Tempua bersarang rendah

Hai semua, selamat datang di blog cerita fiksi saya! Nama saya Amrullah Ibrahim, dan saya sangat senang bisa berbagi cerita ini dengan pembaca. Cerita ini berjudul 'Tempuah bersarang rendah' dan mengangkat tema tentang sebab musabab. Saya menulis cerita ini karena terinspirasi oleh pengalaman saya dimasa kecil. Semoga cerita ini bisa memberikan moral kepada pembaca. Selamat membaca, dan jangan lupa tinggalkan komentar ya!

Peribahasa "Kalau tidak berada-ada, takkan tempua bersarang rendah" artinya adalah "pasti ada sebab nya sesuatu hal itu terjadi" atau dengan kata lain "tidak mungkin sesuatu terjadi tanpa adanya suatu alasan atau penyebab". Peribahasa ini mengibaratkan burung tempua yang biasanya membuat sarang tinggi di pohon, namun jika bersarang rendah, pasti ada sesuatu yang menyebabkan burung itu berani melakukannya. Mungkin ada sesuatu yang melindungi sarangnya, seperti sarang lebah atau tawon.
 
Arti dari peribahasa : Jikalau tidak berada-ada, masakan tempua bersarang rendah adalah setiap segala sesuatu pasti ada sebab musababnya hingga terjadi seperti demikian. Peribahasa ini dapat anda gunakan dalam kehidupan sehari-hari, baik dalam bentuk lisan maupun tulisan sebagai suatu perumpamaan yang mempunyai arti Setiap segala sesuatu ada sebab musababnya hingga terjadi seperti demikian.

Sebuah Pantun...
Burung tempua bersarang rendah,
Hendak ku kait terasa sayang,
Hari ini terasa cukuplah indah,
Harap-harap cerah sampai ke petang.


Cerita mengapa burung tempuah berasarang rendah, cerita merupakan pengalaman nyata saya, pada tahun 1973, saat itu usia saya 12 tahun. Saya murid kelas VI di SD Negeri Citalaksana, kecamatan Talang Padang, kabupaten Lampng Selatan, provinsi Lampung.   
 
Pada suatu hari, saat saya ingin mandi tidak jauh dari tempat pemandian itu, saya melihat sarang-sarang burung tempuah pada sebatang pohon yang terletak dipinggir sawah. Dari kejauhan saya melihat, hamparan sawah yang luas, sejuk dipandang mata, sungguh besar anugerah dari Allah.
 
Sedikit saya gambarkan kondisi saat itu : 
  • Hamparan hijau: luasnya area sawah yang dipenuhi oleh tanaman padi yang hijau.
  • Permadani hijau: sawah seperti hamparan kain hijau yang indah dan lembut.
  • Pemandangan menyejukkan: suasana yang menenangkan dan nyaman saat melihat hamparan sawah yang hijau.
Sarang burung tempua

Burung Tempua disebut juga dengan Manyar adalah burung kecil, suara ataupun bulunya tak menarik. Jika berada dengan burung gereja, emprit dan sejenisnya sayapun tak tau burung manyar yang mana. Satu yang sangat menarik, sarang burung manyar seperti kantung. Di tepi sawah milik penduduk desa Citalaksana, kabupaten Lampung Selatan, ada sebatang pohon Bayur. Pandangan mata saya, tertuju pada sebatang pohon Bayur itu, dikarenakan disana saya lihat banyak sarang burung tempua bergelantungan. Setiap lewat di tempat itu, aku selalu memperhatikan, "sarang burung tempua.!" Laksana lampu-lampu lampion yang tersusun rampi.

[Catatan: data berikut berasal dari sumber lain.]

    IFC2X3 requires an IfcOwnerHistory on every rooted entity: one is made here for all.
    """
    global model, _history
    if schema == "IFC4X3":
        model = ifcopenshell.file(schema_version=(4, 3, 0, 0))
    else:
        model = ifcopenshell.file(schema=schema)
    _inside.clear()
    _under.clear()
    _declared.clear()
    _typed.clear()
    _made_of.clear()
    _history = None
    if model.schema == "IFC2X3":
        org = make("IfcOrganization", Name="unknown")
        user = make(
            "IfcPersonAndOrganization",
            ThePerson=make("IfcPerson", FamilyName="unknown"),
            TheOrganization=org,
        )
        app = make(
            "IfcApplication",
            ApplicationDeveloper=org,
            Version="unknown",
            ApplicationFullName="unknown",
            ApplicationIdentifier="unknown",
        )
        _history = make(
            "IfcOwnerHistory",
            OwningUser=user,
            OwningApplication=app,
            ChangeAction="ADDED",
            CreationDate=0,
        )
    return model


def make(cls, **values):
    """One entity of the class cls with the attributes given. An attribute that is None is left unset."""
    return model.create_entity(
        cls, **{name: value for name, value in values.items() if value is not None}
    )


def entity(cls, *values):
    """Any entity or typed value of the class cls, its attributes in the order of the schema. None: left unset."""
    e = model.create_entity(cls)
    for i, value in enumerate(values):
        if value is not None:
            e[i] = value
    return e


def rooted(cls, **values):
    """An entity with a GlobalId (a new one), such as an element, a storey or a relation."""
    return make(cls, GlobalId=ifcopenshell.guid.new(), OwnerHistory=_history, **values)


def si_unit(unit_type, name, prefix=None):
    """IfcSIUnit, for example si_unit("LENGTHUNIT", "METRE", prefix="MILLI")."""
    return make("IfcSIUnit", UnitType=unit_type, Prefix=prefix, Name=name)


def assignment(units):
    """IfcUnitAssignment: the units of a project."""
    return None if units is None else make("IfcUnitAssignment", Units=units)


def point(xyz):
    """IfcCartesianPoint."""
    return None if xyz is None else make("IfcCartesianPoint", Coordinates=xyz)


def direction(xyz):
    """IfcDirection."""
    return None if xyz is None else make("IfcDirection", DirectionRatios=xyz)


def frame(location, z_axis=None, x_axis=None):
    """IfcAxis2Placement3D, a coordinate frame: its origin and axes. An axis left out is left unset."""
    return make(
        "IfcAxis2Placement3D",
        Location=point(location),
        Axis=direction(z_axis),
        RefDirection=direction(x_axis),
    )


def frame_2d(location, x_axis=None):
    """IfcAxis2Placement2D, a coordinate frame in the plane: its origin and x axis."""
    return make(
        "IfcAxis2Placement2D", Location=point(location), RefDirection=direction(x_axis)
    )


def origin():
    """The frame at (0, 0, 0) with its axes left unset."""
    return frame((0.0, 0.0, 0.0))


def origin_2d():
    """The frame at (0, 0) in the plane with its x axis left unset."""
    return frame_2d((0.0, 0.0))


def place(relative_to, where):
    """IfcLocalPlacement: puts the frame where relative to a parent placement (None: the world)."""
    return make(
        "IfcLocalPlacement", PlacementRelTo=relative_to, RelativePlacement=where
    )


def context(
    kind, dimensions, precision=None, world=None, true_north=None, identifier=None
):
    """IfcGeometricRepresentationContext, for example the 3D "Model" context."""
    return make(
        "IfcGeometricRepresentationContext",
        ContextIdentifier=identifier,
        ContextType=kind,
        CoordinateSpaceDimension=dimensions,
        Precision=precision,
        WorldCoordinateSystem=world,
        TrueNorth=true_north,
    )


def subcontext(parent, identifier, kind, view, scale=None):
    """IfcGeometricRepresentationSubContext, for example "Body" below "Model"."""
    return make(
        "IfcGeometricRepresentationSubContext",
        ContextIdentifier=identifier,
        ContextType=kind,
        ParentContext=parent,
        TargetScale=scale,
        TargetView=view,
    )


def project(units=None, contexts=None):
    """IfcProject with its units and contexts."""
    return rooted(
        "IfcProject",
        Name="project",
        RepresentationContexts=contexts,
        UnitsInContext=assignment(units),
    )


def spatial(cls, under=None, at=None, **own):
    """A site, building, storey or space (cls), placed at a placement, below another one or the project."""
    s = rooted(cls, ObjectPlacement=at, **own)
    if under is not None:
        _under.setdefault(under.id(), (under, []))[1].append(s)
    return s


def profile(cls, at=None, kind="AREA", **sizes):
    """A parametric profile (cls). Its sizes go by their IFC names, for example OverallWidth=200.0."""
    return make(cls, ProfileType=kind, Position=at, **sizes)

Sarang burung Manyar "Tempua" dibangun oleh burung jantan. Setiap musim kawin pejantan akan berlomba membuat sarang sebagus dan sekokoh mungkin. Burung betina memilih pasangan dengan memilih sarang terbaik, bukan pejantan paling gagah. Sepertinya matre ya, tapi itulah ciptaan Allah yang tiada duanya. Kelangsungan hidup keturunan lebih penting dari pada wajah rupawan, rumah kokoh akan menyediakan tempat yang nyaman dan aman untuk calon generasi penerus. Walau tetap tidak aman dari gangguan manusia. 
 
Bagaimana nasip pejantan yang tidak terpilih? Dengan suka rela menerima kekalahan dengan merusak rumah yang telah dibangun dengan susah payah dan akan kembali membangun rumah dengan lebih kokoh di musim kawin berikutnya.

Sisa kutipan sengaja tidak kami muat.